Dawkins, however, asks questions, but does not allow us to answer. He provides his own answers, then points out the inconsistencies.

In other words, while it is true that he does not have to personally go out and read some ancient texts on various religions throughout history, it is still required that his arguments be based on an accurate understanding of what is meant by "God," or whatever the topic may be, and that understanding must be the one held by whoever it is he hopes to convince that his argument is valid.

This is not the case when dealing with empirical evidence, such as the effect of religion on society, etc.

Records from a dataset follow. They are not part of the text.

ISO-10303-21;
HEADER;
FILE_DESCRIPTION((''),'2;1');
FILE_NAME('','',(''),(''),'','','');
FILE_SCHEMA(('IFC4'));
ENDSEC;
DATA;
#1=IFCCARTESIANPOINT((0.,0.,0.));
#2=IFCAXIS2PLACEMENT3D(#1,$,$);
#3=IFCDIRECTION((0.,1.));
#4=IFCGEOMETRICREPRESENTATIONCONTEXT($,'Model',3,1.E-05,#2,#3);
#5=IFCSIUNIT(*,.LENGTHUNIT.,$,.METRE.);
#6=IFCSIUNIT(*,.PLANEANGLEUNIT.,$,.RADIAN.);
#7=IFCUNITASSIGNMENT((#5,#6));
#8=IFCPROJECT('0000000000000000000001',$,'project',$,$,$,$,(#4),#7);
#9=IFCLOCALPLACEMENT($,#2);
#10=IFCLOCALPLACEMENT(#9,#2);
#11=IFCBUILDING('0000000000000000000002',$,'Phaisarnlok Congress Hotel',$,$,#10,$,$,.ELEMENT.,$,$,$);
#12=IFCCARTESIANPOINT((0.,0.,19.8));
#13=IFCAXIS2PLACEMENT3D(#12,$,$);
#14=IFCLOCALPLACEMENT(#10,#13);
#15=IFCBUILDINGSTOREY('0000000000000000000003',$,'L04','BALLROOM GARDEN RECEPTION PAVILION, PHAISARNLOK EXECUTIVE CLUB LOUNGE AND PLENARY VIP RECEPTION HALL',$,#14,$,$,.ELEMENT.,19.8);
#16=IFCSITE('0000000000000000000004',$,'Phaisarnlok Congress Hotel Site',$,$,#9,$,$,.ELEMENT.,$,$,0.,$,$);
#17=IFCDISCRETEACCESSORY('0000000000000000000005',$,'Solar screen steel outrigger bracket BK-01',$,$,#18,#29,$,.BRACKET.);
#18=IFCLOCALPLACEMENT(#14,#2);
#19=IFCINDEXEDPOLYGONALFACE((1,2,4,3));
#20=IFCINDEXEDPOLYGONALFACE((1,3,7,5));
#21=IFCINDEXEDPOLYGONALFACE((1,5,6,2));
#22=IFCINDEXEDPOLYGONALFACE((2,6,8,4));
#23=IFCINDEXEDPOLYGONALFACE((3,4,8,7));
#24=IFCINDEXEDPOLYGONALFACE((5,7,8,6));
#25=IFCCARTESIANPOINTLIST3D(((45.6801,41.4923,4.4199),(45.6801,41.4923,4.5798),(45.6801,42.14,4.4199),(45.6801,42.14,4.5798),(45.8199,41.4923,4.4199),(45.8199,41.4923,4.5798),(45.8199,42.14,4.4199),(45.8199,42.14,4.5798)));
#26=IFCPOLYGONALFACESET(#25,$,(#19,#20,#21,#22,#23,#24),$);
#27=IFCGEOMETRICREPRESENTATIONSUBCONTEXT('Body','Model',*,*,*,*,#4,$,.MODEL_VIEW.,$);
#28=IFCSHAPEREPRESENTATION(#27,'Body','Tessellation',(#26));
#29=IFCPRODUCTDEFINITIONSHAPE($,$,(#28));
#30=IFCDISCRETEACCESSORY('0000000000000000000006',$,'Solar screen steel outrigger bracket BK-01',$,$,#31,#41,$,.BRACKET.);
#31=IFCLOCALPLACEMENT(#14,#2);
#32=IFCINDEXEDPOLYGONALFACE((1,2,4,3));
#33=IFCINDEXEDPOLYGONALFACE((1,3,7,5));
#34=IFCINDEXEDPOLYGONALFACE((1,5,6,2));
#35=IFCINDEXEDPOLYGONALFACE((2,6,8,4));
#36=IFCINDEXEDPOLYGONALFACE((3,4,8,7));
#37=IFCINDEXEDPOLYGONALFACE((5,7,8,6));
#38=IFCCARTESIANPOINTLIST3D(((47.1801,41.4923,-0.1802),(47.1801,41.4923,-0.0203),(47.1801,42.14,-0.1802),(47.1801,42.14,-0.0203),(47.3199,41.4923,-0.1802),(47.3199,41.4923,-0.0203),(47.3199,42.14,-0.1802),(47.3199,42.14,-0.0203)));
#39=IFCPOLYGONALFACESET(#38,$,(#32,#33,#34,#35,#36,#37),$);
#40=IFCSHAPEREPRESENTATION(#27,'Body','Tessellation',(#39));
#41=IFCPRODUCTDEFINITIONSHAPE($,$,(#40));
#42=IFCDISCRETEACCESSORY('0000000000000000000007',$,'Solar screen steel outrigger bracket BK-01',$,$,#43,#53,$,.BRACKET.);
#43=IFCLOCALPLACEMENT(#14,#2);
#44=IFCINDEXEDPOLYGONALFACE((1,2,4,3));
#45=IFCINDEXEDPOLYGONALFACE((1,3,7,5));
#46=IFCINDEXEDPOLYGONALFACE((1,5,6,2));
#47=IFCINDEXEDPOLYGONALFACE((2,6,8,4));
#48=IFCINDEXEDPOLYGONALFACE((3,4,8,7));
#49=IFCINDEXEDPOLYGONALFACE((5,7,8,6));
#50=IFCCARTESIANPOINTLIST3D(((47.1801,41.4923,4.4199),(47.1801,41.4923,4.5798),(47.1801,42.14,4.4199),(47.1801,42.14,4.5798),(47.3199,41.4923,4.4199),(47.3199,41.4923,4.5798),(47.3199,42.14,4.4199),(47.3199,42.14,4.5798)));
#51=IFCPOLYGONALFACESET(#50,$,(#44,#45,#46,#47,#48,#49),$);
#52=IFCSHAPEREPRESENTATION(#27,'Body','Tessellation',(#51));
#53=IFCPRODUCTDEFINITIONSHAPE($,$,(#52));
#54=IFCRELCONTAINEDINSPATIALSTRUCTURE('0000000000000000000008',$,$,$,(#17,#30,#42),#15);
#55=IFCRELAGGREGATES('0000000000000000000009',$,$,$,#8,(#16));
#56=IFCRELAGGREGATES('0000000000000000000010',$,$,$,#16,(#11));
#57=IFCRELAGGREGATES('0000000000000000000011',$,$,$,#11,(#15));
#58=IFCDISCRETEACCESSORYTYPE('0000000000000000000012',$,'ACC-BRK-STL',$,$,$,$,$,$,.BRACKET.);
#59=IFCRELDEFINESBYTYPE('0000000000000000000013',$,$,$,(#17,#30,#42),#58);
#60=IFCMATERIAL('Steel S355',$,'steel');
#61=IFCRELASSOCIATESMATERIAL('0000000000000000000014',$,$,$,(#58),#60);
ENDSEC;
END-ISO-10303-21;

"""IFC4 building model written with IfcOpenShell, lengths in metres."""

from ifc_helpers import new_model, si_unit, direction, frame, origin, origin_2d, place, context, subcontext, project, spatial, rectangle, extrude, material, type_object, element, save


model = new_model("IFC4")

# Units and contexts
model_context = context("Model", 3, precision=1e-05, world=origin(), true_north=direction((0.0, 1.0)))
body_context = subcontext(model_context, "Body", "Model", "MODEL_VIEW")
ifc_project = project(units=[si_unit("LENGTHUNIT", "METRE"), si_unit("PLANEANGLEUNIT", "RADIAN")], contexts=[model_context])

# Site, building, storey
site_placement = place(None, origin())
site = spatial("IfcSite", under=ifc_project, at=site_placement, Name="Phaisarnlok Congress Hotel Site", CompositionType="ELEMENT", RefElevation=0.0)
building_placement = place(site_placement, origin())
building = spatial("IfcBuilding", under=site, at=building_placement, Name="Phaisarnlok Congress Hotel", CompositionType="ELEMENT")
storey_placement = place(building_placement, frame((0.0, 0.0, 19.8)))
storey = spatial("IfcBuildingStorey", under=building, at=storey_placement, Name="L04", Description="BALLROOM GARDEN RECEPTION PAVILION, PHAISARNLOK EXECUTIVE CLUB LOUNGE AND PLENARY VIP RECEPTION HALL", CompositionType="ELEMENT", Elevation=19.8)

# Shared definitions
ifc_material_1 = material(Name="Steel S355", Category="steel")

# Discrete accessories
discrete_accessory_type = type_object("IfcDiscreteAccessoryType", Name="ACC-BRK-STL", PredefinedType="BRACKET", material=ifc_material_1)
for number, where, z_axis, x_axis, name in (
    (1, (45.75, 41.8162, 4.4199), (0.0, 0.0, 1.0), (1.0, 0.0, 0.0), "Solar screen steel outrigger bracket BK-01"),
    (2, (47.25, 41.8162, -0.1802), (0.0, 0.0, 1.0), (1.0, 0.0, 0.0), "Solar screen steel outrigger bracket BK-01"),
    (3, (47.25, 41.8162, 4.4199), (0.0, 0.0, 1.0), (1.0, 0.0, 0.0), "Solar screen steel outrigger bracket BK-01"),
):
    element("IfcDiscreteAccessory", number, at=place(storey_placement, frame(where, z_axis=z_axis, x_axis=x_axis)), inside=storey, type_object=discrete_accessory_type, Name=name, PredefinedType="BRACKET", context=body_context, shape_type="SweptSolid", body=[
        extrude(rectangle(XDim=0.1399, YDim=0.6477, at=origin_2d()), origin(), (0.0, 0.0, 1.0), 0.1599),
    ])

save(model, "model.ifc")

These observations fall within the domain of science and necessarily require interpretation as part of the scientific method, but take the following quote,
The God of the Old Testament is arguably the most unpleasant character in all fiction: jealous and proud of it; a petty, unjust, unforgiving control-freak; a vindictive, bloodthirsty ethnic cleanser; a misogynistic, homophobic, racist, infanticidal, genocidal, filicidal, pestilential, megalomaniacal, sadomasochistic, capriciously malevolent bully.
He is not working with anything empirical here. No data, just his interpretation, but this interpretation holds no weight with well-read believers, because they simply assert that his interpretation is false because there were reasons for Old Testament events which Dawkins is not taking into account. They would not be able to do that if Dawkins had attempted to show the inconsistencies of a God who was infinitely loving, rather than a bully.